Five months on, and by footy’s standards, it’s been a remarkably low-key off season. Jordan De Goey was arrested in his dressing gown. Simon Goodwin was front page news for half a week after he had a beer with his captain. Apart from that, the scandals have belonged to cricket and tennis. A captain sending a picture of his dick to a colleague? Footy, and certainly rugby league, used to have a mortgage on that stuff. But there really aren’t the scandals there used to be – no knocked-up schoolgirls, no bar patrons being glassed or urinated on, no half forward flankers skolling bottles of sunscreen.
Last year, life could flip in half an hour. You were one interstate furniture removalist away from crowd-less games, from closed borders and from curfews. Suddenly your team was on the tarmac, and you were on Twitter bickering with 13-year-old Tories and retired social studies teachers. This year, the AFL is pushing the “business as usual” angle. But there’s still an underlying anxiety. Covid has decimated the AFLW season. Most of the clubs are still living on a thin line. There are going to be a lot of mass omissions, ring ins and mental health challenges. Local clubs are going under. There’s a severe staff shortage at the MCG.
And the city is still processing the loss of its most famous sportsperson. When news of Shane Warne’s death started coming through, Melbourne was being pounded by rain. It sounded like we were under attack from the Luftwaffe. In the middle of the night, Wayne Ludbey took his camera to the MCG and captured an extraordinary image of Warne’s statue outside the Melbourne Cricket Club. It lacks the menace of the Dennis Lillee or Leigh Matthews statues. But it’s one of the better ones on the MCG concourse. The temptation may have been to immortalise the humble Warne, the curiously deferential Warne, the Warne with the ball raised to the crowd. Instead, it captures him mid delivery. It was a delivery stride, Gideon Haigh once wrote, that was “decisive but nonchalant, like somebody sliding up to whisper sedition in your ear”.
It’s nearly 30 years since Warne played his first Test at the MCG. At the toss, the West Indian captain looked up at the new Great Southern Stand and marvelled that the ground held more people than the population of his country. At the time, I thought Keith Arthurton was the coolest man on the planet. He swaggered to the crease like Dermott Brereton walking into a nightclub. In the first innings, he clobbered Warne from one corner of the MCG to the other. In the second, he danced down the wicket and tried to hit him into the Yarra. He was floundering. He was stumped. He was never the same again.

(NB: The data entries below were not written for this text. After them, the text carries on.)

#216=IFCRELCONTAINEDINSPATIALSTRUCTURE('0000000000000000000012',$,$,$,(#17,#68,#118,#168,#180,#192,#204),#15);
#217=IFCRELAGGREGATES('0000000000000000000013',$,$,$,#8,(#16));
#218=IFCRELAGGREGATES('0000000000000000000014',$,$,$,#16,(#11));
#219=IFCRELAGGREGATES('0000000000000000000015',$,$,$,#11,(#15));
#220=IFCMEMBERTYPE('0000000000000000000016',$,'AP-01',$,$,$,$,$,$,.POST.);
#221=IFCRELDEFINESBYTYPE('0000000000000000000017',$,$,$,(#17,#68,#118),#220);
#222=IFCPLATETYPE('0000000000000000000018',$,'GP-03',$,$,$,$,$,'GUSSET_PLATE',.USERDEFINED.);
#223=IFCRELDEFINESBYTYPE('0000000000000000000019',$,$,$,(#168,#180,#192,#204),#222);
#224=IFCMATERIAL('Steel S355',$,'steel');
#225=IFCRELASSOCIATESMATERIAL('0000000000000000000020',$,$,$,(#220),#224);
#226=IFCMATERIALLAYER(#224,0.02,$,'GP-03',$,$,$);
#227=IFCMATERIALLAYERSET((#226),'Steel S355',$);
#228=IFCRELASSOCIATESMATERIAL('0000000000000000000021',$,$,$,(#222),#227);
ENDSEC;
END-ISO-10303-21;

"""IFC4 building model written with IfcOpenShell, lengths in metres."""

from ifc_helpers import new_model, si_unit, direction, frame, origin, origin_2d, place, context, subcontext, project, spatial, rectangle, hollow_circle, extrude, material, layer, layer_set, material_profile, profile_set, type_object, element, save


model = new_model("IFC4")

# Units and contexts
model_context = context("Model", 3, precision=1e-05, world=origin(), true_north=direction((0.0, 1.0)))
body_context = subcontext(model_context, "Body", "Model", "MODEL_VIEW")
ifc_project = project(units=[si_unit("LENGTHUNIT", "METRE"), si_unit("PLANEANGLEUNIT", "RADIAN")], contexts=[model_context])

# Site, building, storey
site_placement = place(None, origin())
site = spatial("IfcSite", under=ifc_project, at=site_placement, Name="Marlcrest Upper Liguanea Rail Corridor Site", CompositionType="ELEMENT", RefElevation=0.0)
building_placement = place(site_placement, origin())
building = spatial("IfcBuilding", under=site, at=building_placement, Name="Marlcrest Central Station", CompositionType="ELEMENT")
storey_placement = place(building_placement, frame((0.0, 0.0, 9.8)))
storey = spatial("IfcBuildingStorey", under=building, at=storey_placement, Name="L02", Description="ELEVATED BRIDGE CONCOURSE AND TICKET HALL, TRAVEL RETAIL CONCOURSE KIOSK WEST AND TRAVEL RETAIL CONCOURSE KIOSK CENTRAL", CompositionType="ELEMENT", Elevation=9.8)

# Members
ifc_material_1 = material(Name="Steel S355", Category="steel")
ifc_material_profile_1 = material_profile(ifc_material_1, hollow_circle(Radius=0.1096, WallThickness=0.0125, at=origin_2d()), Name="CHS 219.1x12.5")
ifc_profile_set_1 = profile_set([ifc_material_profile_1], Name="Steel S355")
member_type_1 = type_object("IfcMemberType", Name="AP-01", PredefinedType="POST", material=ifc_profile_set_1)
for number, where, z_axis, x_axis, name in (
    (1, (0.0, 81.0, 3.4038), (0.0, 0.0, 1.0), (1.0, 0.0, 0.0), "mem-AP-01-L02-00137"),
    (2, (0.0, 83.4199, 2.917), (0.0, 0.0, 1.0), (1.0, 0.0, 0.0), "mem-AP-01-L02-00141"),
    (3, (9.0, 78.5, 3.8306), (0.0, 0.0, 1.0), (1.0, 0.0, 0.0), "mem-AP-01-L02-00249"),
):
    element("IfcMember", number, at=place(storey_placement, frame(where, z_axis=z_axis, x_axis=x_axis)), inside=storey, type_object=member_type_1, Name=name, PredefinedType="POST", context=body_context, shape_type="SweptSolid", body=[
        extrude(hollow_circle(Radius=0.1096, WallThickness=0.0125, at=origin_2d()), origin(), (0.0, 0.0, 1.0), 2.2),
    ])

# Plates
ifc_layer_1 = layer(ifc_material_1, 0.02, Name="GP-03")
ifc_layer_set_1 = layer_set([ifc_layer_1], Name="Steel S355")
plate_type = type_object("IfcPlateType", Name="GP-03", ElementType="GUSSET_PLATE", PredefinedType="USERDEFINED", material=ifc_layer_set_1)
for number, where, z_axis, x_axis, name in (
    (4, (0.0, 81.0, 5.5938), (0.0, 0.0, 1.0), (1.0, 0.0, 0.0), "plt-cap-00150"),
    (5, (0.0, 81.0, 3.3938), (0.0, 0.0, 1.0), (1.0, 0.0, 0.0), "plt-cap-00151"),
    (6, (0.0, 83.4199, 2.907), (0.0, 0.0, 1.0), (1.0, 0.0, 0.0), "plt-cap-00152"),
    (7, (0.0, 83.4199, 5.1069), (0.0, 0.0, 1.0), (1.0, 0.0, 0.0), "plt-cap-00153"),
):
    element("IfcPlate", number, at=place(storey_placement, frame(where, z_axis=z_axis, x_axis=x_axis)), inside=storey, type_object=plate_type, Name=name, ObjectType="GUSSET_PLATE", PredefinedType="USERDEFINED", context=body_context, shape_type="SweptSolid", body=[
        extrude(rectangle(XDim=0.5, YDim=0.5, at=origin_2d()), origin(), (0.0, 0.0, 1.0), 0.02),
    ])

Warne, meanwhile, went solar. AFL footballers are big in this part of Australia. Warne’s fame, and his affinity with the MCG, was something else altogether. Wayne Carey, Dustin Martin and Lance Franklin could have the MCG shaking. But even in full flight, they were still somehow dwarfed by the stadium. Only Warne, by sheer force of personality and talent, seemed equal to it. Only Warne could have drawn locals – in the middle of the night, and in teeming rain – to pay tribute. There’s something unknowable about many of our great footballers. They’re mostly at arm’s length. But Warne was an open book. To Melburnians in particular, he was instantly familiar – his obsession with football, the way he dressed, the cadences of his sentences, his opinions on everything.
On Wednesday night, for the first time in two years, the MCG will be at full capacity. Mayor Zempilas never got his minute’s ovation. Instead, we’ll have a minute’s silence. A sporting crowd that embraced, forgave and fuelled Warne will pause and bow. Some of the best footballers of our generation, in the prime of their lives, will possibly contemplate their own fame, their own talent, their own youth. They may contemplate how fleeting it all is, and how easily it can be ripped away.